Foto: Imago Images/Agencia EFE/J. Alves
Chamas em agosto
Com 30.901 focos de queimadas registrados por satélites no bioma Amazônia, o mês de agosto de 2019 superou o registrado no mesmo mês em todos os anos anteriores até 2010, quando o número chegou a 45.018. Os dados são do Instituto Nacional de Pesquisas Espaciais (Inpe), que monitora as queimadas desde 1998. O recorde para o mês de agosto ainda é de 2007, com 63.764 focos.
Foto: Flávio Forner
Prejuízos à saúde
Na região de Porto Velho, capital de Rondônia, a fumaça das queimadas causa problemas sérios de saúde. Em um estudo realizado no estado, a Fiocruz analisou dados de 1998 a 2005 e concluiu que o número de mortes de idosos acima de 65 anos por doenças respiratórias aumenta durante os meses de queimadas. Até 80% das mortes estão relacionadas aos incêndios florestais.
Foto: Flávio Forner
O futuro da floresta nacional
A Floresta Nacional do Bom Futuro, perto de Porto Velho, foi criada em 1988 para proteger originalmente 280 mil hectares da Floresta Amazônica. Em 2010, um decreto reduziu a área para 98 mil hectares por conta da ocupação da região.
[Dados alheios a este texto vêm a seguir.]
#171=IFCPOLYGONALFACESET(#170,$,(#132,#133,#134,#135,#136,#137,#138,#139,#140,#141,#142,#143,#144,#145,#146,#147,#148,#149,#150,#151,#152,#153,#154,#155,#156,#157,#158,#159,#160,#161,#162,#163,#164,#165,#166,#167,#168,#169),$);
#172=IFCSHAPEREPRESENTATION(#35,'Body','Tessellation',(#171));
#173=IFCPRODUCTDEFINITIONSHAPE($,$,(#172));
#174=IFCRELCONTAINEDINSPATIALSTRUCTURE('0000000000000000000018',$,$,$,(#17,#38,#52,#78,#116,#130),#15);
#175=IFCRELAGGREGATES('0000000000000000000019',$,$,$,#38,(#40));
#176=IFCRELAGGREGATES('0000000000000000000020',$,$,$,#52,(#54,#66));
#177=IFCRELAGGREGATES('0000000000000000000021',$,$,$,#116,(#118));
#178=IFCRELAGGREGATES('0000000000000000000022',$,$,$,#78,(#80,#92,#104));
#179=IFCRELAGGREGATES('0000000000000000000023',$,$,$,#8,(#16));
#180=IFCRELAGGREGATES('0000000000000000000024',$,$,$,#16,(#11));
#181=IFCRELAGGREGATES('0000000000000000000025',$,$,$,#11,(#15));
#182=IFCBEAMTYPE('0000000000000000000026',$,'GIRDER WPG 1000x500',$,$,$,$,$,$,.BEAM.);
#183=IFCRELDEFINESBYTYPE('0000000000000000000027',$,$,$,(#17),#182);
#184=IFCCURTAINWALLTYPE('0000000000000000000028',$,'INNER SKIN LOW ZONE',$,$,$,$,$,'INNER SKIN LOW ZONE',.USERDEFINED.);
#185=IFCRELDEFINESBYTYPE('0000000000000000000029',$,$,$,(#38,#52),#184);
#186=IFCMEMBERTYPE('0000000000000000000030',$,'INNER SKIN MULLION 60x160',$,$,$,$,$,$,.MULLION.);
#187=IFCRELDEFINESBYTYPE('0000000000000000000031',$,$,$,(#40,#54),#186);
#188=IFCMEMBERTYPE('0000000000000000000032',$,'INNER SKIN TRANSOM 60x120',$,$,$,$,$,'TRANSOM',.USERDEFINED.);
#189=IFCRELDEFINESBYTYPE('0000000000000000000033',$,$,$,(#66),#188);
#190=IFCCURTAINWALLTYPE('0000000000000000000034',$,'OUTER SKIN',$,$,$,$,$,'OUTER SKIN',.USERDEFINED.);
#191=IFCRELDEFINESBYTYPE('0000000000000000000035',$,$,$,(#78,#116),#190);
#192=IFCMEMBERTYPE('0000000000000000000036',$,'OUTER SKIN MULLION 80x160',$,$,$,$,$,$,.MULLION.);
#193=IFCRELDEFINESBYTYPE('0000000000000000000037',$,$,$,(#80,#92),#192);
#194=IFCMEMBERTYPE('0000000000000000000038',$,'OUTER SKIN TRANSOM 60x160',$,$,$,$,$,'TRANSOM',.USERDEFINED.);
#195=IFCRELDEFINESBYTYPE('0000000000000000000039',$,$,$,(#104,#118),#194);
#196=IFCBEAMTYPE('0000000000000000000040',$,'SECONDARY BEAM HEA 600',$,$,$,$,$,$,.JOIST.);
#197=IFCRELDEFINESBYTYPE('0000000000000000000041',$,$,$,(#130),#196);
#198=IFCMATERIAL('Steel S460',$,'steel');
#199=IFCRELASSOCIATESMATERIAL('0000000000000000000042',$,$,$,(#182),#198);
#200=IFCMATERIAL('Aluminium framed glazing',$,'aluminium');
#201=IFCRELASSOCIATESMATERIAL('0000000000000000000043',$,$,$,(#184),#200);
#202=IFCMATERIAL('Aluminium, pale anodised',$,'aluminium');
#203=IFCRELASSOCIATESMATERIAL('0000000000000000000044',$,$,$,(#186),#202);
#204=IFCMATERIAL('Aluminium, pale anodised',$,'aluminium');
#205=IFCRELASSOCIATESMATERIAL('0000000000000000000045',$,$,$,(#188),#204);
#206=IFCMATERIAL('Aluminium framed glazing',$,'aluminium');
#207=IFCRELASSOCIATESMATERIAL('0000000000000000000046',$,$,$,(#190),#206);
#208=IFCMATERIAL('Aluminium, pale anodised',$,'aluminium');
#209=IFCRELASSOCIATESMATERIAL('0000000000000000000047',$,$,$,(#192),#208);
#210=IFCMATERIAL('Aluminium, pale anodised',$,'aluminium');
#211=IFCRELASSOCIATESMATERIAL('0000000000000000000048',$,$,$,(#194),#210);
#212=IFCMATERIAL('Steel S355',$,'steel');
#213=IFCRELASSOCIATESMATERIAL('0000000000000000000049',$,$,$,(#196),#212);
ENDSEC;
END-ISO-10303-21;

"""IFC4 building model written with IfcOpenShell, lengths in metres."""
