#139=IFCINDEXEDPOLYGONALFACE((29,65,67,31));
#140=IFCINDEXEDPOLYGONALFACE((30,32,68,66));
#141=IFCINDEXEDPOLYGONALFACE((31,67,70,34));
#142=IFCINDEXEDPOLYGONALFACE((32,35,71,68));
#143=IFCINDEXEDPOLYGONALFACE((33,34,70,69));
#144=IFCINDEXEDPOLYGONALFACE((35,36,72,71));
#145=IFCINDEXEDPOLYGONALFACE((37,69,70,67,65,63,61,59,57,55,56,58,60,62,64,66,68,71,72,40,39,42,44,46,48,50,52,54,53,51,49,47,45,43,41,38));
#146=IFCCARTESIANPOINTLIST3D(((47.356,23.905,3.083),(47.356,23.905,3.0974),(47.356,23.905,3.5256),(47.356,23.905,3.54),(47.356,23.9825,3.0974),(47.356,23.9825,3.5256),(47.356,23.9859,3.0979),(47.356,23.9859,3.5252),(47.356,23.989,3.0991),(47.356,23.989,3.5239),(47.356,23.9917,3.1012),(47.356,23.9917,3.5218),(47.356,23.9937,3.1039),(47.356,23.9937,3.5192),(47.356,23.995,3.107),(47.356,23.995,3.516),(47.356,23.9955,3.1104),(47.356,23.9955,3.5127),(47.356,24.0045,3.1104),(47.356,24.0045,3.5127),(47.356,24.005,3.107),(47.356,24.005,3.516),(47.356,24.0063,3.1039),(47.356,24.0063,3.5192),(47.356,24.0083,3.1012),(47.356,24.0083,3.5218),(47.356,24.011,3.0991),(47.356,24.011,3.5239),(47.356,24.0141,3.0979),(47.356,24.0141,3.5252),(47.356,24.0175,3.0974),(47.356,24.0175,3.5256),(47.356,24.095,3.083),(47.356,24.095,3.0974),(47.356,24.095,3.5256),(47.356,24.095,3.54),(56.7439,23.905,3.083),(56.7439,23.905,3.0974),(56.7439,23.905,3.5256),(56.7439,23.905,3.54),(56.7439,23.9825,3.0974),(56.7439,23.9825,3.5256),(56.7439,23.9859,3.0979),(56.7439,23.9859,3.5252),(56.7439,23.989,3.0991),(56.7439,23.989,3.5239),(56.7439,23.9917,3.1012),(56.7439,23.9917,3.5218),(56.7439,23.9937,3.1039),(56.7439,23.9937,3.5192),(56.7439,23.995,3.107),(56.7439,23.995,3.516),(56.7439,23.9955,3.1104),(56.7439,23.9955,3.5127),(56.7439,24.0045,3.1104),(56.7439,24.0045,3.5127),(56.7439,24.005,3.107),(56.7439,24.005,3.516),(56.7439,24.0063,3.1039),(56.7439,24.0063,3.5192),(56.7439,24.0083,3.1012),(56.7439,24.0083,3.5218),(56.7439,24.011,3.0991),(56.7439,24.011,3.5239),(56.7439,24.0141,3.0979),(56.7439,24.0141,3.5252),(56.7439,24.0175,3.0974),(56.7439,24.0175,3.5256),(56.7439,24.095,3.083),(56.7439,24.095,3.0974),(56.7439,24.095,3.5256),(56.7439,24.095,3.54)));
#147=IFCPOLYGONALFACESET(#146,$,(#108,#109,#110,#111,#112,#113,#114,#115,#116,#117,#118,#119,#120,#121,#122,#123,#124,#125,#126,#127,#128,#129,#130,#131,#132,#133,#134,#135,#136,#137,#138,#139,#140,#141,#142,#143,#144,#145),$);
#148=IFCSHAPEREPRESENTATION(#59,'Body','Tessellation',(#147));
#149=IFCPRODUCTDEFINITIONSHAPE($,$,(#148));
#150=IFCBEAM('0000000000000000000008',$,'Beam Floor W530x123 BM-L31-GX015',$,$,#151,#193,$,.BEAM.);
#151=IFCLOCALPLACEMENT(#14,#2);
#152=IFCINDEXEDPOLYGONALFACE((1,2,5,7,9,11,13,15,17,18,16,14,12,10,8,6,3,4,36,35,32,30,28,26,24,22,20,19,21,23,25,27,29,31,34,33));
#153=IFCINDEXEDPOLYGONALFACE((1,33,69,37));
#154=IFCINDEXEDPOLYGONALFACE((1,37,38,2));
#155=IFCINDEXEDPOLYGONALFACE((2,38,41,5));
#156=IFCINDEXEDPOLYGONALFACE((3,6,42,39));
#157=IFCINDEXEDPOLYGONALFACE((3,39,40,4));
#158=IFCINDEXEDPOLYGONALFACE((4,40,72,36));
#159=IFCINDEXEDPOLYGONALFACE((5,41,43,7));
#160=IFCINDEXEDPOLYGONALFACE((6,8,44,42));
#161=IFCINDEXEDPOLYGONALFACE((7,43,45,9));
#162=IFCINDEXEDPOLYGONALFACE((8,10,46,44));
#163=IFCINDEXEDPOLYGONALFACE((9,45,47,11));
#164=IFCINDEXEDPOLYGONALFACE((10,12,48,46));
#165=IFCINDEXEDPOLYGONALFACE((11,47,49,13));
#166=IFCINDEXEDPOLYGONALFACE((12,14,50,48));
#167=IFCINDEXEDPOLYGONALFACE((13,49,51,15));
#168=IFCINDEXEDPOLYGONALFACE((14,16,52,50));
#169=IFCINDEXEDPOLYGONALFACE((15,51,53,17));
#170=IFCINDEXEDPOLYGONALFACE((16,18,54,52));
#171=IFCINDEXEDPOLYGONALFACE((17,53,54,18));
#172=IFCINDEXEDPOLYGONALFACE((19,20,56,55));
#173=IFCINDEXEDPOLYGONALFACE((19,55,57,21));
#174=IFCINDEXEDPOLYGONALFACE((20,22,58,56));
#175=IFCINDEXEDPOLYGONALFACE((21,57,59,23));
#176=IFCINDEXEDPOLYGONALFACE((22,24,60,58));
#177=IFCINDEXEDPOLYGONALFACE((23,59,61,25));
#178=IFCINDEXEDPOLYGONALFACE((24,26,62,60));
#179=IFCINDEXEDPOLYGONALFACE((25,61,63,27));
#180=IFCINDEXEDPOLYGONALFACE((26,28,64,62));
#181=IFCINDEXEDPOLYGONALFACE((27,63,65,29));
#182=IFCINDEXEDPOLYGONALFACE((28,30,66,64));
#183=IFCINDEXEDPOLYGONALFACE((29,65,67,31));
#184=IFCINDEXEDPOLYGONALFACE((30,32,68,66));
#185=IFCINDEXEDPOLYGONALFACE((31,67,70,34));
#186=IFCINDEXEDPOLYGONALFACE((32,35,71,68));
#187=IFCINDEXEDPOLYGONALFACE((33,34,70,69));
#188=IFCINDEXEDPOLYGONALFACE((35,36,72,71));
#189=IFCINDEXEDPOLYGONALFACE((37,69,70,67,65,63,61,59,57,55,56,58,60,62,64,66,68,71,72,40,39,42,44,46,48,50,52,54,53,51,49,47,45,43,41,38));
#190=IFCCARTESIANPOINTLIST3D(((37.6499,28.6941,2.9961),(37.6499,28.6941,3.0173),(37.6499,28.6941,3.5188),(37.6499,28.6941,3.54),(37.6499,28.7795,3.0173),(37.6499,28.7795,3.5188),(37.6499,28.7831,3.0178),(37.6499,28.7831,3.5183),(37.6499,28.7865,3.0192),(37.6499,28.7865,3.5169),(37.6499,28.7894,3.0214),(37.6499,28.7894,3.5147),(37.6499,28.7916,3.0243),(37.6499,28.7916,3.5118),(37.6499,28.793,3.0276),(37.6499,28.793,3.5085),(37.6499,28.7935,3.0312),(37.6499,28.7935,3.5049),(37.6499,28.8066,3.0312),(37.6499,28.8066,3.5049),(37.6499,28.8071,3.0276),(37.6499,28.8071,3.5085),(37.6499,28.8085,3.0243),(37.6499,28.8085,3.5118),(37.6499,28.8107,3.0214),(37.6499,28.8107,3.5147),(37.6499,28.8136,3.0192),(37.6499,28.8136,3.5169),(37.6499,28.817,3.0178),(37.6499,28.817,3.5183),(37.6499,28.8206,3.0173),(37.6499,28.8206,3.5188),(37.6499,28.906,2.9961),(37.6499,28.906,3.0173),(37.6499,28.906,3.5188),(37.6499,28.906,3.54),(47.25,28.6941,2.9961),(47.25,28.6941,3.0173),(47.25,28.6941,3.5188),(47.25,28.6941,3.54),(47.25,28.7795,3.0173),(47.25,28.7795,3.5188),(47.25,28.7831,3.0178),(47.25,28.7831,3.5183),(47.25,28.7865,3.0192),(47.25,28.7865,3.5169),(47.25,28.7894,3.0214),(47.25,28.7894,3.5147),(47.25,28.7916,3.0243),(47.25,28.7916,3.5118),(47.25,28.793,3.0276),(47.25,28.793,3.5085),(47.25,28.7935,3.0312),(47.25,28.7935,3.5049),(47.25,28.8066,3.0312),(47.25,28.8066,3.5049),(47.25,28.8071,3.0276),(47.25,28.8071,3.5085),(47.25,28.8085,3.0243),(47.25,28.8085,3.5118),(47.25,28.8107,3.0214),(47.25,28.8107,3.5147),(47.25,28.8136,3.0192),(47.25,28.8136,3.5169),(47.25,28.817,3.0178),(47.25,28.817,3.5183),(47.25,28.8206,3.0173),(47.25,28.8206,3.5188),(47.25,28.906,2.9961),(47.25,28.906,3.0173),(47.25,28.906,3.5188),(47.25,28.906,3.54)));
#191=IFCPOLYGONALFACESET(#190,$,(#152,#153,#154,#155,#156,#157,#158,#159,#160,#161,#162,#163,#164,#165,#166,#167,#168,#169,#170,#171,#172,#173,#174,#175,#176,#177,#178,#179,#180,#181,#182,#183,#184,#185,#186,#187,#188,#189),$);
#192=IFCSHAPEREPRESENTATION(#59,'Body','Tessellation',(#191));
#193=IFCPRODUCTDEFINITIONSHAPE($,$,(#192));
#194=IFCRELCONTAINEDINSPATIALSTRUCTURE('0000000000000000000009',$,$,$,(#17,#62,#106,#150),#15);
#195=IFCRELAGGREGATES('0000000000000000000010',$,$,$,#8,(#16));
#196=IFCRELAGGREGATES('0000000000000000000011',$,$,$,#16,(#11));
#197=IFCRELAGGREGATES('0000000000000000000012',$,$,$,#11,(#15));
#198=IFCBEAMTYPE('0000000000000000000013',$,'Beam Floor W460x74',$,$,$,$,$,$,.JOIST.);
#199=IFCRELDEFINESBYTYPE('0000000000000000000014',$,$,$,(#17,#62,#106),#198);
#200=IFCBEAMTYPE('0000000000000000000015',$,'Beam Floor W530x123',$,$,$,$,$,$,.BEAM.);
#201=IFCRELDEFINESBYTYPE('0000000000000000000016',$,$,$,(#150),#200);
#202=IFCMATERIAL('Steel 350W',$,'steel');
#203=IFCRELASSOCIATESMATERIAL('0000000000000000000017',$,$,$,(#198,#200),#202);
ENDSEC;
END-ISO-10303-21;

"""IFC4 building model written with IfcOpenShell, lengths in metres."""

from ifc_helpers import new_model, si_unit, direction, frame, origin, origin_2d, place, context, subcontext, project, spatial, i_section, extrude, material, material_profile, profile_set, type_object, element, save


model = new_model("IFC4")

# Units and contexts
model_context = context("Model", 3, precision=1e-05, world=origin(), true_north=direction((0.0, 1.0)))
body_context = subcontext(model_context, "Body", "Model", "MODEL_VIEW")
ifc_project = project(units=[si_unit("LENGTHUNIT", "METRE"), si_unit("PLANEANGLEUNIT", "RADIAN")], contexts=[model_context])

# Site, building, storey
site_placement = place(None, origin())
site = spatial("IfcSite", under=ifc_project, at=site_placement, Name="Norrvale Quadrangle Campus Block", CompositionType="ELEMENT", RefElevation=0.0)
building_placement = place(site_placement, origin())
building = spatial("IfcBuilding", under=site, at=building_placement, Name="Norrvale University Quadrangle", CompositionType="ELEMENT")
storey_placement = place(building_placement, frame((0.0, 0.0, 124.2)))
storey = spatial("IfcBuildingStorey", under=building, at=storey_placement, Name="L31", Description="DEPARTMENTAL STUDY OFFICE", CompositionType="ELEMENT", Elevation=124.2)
A Flona (floresta nacional) é uma das mais ameaçadas no bioma, com histórico de invasões, desmatamento e queimadas.
Foto: Flávio Forner
Plantão na floresta
Brigadistas do Instituto Chico Mendes de Conservação da Biodiversidade (ICMBio) ficam de plantão na região da Floresta Nacional do Bom Futuro 24 horas por dia na época das queimadas, de julho a outubro. Eles fazem rondas diárias para evitar crimes e, quando identificam fogo, usam bombas costais e abafador para apagar as chamas.
Foto: Flávio Forner
Solo mais pobre
O primeiro efeito da queimada é a perda de nutrientes e da biota do solo, alerta o biólogo Marcelo Ferronato, da ONG Ecoporé. Com o passar dos anos, os nutrientes que estavam ali sendo depositados pelas florestas desaparecem, como folhas e galhos. "O solo vai se enfraquecendo, a área começa a ser degradada, a produtividade cai, e novas áreas são abertas, alimentando o ciclo do desmatamento."
Foto: Flávio Forner
Lote ilegal
O capim cresce na área já desmatada dentro da Floresta Nacional do Bom Futuro. A estaca fixada no chão serve para demarcar o lote que, mais para frente, será vendido de forma ilegal. A área onde o crime ocorreu fica a menos de um quilômetro da estrada de terra que corta a unidade de conservação.
Foto: DW/N. Pontes
Desmatamento antes do fogo
Esta clareira na Floresta Nacional do Bom Futuro foi aberta cinco dias antes de a equipe da DW Brasil visitar o local. Algumas árvores mais antigas ainda estão de pé, como uma da espécie tauari de 200 anos, de cerca de 40 metros de altura, que também é um porta-sementes. Segundo brigadistas, os criminosos esperam a mata derrubada secar por alguns dias antes de colocar fogo.
Foto: Flávio Forner
Reflorestamento em risco
Alguns projetos de compensação ambiental de outros empreendimentos são revertidos para a Floresta Nacional do Bom Futuro. Na foto, árvores nativas da Amazônia crescem numa área do tamanho de 70 campos de futebol que foi desmatada. Se elas sobreviverem aos crimes cometidos na região, precisarão de 50 anos para voltar a ganhar o aspecto de uma floresta densa.
Foto: Flávio Forner
Pressão em terras indígenas
No estado de Rondônia, 21 reservas são destinadas a povos indígenas. A Terra Indígena Uru-Eu-Wau-Wau, a cerca de 300 quilômetros de Porto Velho, tem sete aldeias e comunidades que escolheram viver isoladas na Floresta Amazônica. Criado em 1985, o território de uso exclusivo dos indígenas sofre ameaças constantes de madeireiros e grileiros.
Foto: Flávio Forner
Preocupação com a floresta
Segundo os indígenas, a destruição da floresta é muito rápida. Eles acreditam que a "empreitada" para desmatar e queimar a mata, que conta com entre 10 e 15 pessoas, seja custeada por quem tem muito dinheiro. Depois de tirar a madeira, os criminosos queimam a área e jogam sementes de capim, conta Taroba Uru-Eu-Wau-Wau (foto).
Foto: Flávio Forner
Desmatamento e pastagem
Segundo estudos de pesquisadores da Universidade Federal de Rondônia (Unir), o desmatamento ilegal serve para ampliar áreas de pastagem. Dados oficiais estimam que o rebanho no estado ultrapasse 14 milhões de cabeças. Aos poucos, as pastagens têm se convertido em plantações, como de soja, afirma a pesquisadora Maria Madalena Cavalcante, da Unir.